I didn't expect all this information to come out on this blog, but stream-of-conscious venting is all for the better for my own clarity of thought. I am going to have to now condition myself... mentally divorce the PROCESS OF WRITING POETRY AND SHORT STORIES from the PROCESS OF PUBLISHING. I have to convince myself that none of my ideas are in final form (or an audience magnet) unless they take shape of a cartoon (or a cartoon-driven poem-short-story), a piece of music or performance slam poetry, or a film. It's amazing to think that my mind can construct any story format--ranging from scientific articles to poetry to short stories to photographs to cartoons to paintings to pieces of music to film to websites to whatever the next new medium is--but I'm starting to feel the pressures of establishing a unique niche in society--the need to be perceived by society as a "needed storyteller" that needs about $20,000 a year in order to have health insurance and a roof over my head to continue storytelling. Certain doors are "closing" (but not completely) right now but other doors are opening full-wide open. Creative survival is a matter of desperation. As one of my recent cartoons discussed my need to avoid the MacDonald's hamburger flipping treadmill that close to everyone else is pursuing, whether in a science lab or at MacDonald's.
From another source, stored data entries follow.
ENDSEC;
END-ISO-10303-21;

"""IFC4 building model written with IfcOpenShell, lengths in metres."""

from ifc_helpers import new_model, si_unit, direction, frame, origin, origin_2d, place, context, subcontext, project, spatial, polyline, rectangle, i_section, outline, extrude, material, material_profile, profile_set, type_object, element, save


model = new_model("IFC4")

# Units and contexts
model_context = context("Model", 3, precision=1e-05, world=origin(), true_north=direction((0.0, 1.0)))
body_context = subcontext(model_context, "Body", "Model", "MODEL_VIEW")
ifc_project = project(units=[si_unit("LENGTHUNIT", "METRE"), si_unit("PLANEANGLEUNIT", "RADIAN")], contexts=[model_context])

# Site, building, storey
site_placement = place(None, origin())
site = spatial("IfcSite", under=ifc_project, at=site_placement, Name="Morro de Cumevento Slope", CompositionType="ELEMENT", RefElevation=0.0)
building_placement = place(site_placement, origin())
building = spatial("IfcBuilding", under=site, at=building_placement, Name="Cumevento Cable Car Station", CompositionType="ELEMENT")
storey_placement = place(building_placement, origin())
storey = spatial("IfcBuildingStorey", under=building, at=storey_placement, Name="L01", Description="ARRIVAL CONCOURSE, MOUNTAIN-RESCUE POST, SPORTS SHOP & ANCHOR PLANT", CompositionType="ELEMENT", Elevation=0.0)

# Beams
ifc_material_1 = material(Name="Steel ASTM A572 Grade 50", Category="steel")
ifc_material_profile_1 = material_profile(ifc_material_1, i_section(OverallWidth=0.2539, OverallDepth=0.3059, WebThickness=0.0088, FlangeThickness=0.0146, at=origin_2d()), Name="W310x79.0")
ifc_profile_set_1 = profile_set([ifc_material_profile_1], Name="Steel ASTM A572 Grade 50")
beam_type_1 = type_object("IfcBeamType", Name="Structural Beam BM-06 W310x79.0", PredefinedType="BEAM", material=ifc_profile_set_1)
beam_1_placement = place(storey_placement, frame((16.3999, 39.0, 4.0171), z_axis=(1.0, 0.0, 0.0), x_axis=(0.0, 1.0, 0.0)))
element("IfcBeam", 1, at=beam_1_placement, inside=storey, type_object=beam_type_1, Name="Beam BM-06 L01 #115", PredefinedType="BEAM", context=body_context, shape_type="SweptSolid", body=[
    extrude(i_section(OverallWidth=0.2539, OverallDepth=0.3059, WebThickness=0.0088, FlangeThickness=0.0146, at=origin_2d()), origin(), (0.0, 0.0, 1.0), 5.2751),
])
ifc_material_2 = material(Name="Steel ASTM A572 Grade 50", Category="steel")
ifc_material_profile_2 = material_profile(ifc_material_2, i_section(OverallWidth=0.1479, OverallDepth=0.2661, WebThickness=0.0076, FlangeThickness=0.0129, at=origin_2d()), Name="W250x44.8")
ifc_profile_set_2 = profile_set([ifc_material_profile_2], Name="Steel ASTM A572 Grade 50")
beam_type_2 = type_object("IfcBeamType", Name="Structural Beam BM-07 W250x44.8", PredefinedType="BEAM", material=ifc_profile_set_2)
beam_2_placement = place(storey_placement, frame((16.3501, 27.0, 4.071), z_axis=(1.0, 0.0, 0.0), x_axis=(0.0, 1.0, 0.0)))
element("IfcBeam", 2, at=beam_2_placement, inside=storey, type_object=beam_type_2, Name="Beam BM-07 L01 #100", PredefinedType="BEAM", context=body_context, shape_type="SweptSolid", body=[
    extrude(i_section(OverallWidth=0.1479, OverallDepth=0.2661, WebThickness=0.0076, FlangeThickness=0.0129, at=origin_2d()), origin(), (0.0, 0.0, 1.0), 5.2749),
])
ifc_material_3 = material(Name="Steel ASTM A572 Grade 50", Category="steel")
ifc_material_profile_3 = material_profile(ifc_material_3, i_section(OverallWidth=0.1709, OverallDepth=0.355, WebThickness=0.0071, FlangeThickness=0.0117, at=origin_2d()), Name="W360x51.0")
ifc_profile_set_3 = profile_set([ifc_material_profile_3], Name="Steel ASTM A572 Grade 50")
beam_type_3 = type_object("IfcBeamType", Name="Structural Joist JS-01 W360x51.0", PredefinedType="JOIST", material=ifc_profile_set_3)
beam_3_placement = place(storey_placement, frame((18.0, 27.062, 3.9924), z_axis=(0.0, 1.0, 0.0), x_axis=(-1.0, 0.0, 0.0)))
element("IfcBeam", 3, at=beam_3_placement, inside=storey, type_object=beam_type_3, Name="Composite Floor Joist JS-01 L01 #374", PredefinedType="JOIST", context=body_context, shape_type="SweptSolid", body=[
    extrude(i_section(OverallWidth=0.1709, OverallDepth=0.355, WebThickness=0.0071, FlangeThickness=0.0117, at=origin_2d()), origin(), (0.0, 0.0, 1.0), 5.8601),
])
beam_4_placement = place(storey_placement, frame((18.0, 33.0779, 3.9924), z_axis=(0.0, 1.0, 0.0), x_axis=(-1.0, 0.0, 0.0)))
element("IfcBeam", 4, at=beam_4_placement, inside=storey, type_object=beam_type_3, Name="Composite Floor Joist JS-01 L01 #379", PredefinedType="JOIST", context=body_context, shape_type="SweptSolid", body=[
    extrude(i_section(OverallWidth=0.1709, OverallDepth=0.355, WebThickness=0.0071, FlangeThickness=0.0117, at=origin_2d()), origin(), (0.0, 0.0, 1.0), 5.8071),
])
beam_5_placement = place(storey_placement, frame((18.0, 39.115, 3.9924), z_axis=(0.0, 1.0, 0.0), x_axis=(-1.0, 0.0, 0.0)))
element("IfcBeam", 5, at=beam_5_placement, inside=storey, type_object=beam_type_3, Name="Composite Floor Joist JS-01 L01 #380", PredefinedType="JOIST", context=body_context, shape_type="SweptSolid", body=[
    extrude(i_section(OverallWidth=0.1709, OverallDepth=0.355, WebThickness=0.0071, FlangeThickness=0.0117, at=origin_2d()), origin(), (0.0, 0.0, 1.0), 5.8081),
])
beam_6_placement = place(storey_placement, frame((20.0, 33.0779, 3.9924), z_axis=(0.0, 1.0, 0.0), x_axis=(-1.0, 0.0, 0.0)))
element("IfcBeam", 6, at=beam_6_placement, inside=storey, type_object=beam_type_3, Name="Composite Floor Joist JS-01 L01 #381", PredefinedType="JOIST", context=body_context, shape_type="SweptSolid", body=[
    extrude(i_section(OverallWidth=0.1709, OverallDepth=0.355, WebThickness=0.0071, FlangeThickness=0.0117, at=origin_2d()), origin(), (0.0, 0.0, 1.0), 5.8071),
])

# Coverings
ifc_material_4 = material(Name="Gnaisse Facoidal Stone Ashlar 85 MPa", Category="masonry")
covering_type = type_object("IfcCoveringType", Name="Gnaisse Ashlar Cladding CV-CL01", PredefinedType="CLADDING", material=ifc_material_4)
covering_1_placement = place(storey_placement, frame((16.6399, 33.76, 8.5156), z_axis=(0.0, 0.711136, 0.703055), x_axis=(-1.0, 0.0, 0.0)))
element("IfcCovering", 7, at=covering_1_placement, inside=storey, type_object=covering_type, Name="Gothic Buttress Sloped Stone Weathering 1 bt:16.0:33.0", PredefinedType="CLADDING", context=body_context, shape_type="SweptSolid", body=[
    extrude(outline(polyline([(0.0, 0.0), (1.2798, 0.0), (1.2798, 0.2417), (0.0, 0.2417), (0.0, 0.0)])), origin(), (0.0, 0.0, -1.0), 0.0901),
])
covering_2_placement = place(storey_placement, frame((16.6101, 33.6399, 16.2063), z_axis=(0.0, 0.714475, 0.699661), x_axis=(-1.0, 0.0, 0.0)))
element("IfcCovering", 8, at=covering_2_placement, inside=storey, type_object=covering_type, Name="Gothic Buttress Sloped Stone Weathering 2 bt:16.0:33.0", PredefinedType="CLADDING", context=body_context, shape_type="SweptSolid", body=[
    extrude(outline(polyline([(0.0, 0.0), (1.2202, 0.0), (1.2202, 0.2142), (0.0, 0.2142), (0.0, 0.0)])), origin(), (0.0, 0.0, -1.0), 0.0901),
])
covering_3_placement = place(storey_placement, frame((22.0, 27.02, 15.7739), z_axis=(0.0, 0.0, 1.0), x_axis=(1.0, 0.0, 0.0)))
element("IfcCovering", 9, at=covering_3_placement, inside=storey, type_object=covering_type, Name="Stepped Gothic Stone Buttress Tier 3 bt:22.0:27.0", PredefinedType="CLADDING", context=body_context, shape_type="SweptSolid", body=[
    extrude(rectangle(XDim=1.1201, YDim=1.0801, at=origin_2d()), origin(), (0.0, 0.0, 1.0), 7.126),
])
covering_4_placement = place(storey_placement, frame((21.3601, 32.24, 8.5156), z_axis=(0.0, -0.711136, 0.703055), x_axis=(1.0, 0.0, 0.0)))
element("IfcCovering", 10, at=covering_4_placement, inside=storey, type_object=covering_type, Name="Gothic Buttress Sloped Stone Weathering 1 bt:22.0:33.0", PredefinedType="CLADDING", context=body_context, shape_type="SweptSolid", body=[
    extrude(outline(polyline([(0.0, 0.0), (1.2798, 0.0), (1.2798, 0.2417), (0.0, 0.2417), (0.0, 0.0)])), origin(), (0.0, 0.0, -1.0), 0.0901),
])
I have more to write about with my positive experiences in the Bahia de Los Angeles... plus LOTS of PHOTOGRAPHS! This poem was just an introduction.

1 comment:

xandtha said...

beautiful piece Victoria. I stumbled across your blog by pure accident whilst searching for a poem on sunrises. This really spoke to me, especially about the transcendence that a sunrise evokes in us. Hope to see more. You have that in you; don't ever stop writing poetry. Cheers and happy 2017!